The mechanical means is usually by running a scraper or similar function tool on a workstring to mechanically remove cement, mud and scale from the casing and liner walls. This is especially important over packer setting areas. Some operators also pump an abrasive such as nut plug or sand, however such materials can cause as much problems as the debris and sediment already in the hole and their use needs to be strongly justified.

Hydraulic Displacement

Hydraulic displacement is the displacement of the mud system by the circulation of the clean-out fluids at sufficiently high rates to cause enough turbulence to move all the mud, debris and sediment out of the hole followed by the brine.

In deep or horizontal wells this is often more difficult to achieve due to greater velocity required with casing pressure limitations and available pump rates. In these cases, it is often necessary to use one or more circulation devices to enable staging of the process achieving higher rates at shallower stages.

To displace the mud from the hole, two methods are available dependent upon whether the borehole is open to the reservoir or not.

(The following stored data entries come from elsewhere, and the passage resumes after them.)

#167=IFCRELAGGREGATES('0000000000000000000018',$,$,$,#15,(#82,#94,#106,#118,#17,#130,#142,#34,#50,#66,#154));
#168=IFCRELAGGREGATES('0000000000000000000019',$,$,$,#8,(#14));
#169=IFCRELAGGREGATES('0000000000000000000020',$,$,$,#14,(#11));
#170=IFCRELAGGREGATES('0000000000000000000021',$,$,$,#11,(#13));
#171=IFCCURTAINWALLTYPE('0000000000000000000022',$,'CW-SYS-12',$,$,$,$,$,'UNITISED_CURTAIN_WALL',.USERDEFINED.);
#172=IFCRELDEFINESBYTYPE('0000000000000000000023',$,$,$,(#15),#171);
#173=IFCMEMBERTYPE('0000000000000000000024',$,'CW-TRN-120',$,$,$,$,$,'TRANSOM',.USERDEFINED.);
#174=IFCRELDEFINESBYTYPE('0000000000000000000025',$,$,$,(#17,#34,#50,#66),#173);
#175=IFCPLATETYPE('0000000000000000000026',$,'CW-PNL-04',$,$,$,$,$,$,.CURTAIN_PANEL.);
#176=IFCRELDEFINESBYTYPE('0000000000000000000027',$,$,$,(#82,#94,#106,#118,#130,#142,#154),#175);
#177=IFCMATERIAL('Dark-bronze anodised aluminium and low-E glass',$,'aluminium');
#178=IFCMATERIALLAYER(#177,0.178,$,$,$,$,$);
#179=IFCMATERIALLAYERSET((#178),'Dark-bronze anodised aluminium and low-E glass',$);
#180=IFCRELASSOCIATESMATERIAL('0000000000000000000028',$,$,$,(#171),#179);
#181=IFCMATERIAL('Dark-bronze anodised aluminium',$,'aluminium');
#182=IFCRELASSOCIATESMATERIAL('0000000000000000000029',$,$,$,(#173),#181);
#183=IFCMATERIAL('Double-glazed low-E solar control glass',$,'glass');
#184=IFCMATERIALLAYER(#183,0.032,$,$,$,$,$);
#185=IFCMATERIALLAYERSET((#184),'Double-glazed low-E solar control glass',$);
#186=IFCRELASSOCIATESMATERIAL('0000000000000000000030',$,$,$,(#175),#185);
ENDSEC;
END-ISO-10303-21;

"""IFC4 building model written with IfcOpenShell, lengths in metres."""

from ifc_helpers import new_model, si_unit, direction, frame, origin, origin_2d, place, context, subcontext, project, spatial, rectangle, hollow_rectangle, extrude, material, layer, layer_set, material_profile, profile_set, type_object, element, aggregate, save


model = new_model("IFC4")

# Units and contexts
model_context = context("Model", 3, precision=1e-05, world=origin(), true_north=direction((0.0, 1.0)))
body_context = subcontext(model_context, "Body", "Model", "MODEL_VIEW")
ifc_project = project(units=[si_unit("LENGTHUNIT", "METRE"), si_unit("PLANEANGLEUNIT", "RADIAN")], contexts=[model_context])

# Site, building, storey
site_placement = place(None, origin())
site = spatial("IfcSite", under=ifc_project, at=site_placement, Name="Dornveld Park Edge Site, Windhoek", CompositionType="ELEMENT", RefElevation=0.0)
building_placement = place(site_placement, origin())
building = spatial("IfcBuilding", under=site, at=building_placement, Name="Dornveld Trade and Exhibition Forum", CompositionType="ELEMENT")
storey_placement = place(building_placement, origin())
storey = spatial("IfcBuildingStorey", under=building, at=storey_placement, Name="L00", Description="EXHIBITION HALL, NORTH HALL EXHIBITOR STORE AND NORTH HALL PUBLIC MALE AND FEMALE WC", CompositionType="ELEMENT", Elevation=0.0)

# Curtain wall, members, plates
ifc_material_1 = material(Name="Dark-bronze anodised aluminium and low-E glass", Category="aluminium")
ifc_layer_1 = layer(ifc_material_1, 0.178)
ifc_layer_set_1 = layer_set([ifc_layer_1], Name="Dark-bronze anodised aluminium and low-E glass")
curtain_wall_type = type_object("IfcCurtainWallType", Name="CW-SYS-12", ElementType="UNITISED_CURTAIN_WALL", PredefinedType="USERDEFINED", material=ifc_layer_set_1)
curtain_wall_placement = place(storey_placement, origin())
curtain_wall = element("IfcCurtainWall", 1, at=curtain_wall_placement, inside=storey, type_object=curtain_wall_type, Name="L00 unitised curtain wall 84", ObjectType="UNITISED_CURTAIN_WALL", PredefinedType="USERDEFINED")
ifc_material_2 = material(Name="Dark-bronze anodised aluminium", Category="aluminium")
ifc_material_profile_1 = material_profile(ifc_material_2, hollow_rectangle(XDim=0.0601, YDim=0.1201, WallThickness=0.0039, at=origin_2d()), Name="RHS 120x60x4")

These are:

Indirect Underbalanced Displacement

Direct Balanced Displacement

The former can only be used on wells where the formation is isolated from the wellbore whereas the latter is designed for live well displacement.

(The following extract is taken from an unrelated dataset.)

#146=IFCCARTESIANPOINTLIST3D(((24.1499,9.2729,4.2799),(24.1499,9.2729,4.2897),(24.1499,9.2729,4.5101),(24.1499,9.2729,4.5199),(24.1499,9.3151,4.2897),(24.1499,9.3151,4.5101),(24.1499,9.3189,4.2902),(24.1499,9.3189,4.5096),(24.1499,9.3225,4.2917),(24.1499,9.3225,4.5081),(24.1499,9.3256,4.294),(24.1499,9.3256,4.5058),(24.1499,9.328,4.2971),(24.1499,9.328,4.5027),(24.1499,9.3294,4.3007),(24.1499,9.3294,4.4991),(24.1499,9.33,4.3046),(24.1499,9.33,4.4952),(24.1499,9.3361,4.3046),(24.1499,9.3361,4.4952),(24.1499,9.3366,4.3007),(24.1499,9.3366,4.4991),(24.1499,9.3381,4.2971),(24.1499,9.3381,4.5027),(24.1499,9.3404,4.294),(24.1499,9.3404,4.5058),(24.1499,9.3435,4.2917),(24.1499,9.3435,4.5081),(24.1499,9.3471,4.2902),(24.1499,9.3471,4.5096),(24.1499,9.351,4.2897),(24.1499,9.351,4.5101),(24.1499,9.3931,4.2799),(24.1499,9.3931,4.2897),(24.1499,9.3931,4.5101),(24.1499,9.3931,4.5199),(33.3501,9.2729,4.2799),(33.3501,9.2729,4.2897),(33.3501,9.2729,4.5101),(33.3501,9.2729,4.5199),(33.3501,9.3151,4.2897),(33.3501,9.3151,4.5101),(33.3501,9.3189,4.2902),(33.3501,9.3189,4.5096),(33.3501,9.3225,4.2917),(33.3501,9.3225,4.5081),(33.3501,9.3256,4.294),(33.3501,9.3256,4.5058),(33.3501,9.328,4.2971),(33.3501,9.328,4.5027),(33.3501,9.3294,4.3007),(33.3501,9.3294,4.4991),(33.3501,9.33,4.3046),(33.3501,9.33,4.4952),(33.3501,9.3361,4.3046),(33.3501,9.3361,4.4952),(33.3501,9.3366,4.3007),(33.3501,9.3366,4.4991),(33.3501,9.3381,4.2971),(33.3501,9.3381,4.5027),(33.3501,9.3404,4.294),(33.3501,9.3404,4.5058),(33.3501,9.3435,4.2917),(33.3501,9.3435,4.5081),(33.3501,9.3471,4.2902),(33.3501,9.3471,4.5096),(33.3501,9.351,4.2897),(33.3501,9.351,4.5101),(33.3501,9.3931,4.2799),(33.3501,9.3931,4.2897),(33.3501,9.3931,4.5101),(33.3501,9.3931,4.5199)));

Indirect underbalanced displacement, (refer to Figure 13.2), is the preferred method as large pills of water or seawater are used after the displacement of the chemical pills at as high a rate as is possible to cause maximum agitation and improve efficiency.

Mud

Viscous Pill

Viscous Pill

Viscous Pill

Brine

Seawater

Seawater

Seawater

Clean-Out

Pill(s)

Figure 13.2-Indirect Underbalanced Displacement

The direct balanced method, (refer to Figure 13.3), requires the clean-out pills to be weighted to maintain well control therefore the use of large water or seawater pills is not feasible.

Oil Base

Mud

Clean-Out Pill(s)

Viscous Pill

Brine

Figure 13.3-Direct Balanced Displacement

Hydraulic flushing is also used to clean-out the wellhead area and BOP cavities with a flushing tool. A high flow rate is necessary to obtain a good clean up and with subsea systems which have large bore risers, the use of circulating subs and a BOP boost line will aid the clean up.

1.4.8 Chemical Removal

Chemical removal of sediment and drilling residue, usually involves circulating chemicals contained in pills which are designed to provide a contact time to remove residue from the walls of the pipe and then flush it to surface. The chemicals normally used are surfactants and flocculants and there are many commercial products on the market purely produced for well clean-outs.

The sequence of pill displacement may vary with the product used but a typical sequence is:

d) HiVis pill to segregate the mud and cleaning agents.

e) Surfactant pill of sufficient volume to give the correct contact time at the rate of pumping.

f) HiVis pill for segregation.

g) Flocculant pill to gather the fines into sizeable clots to aid displacement.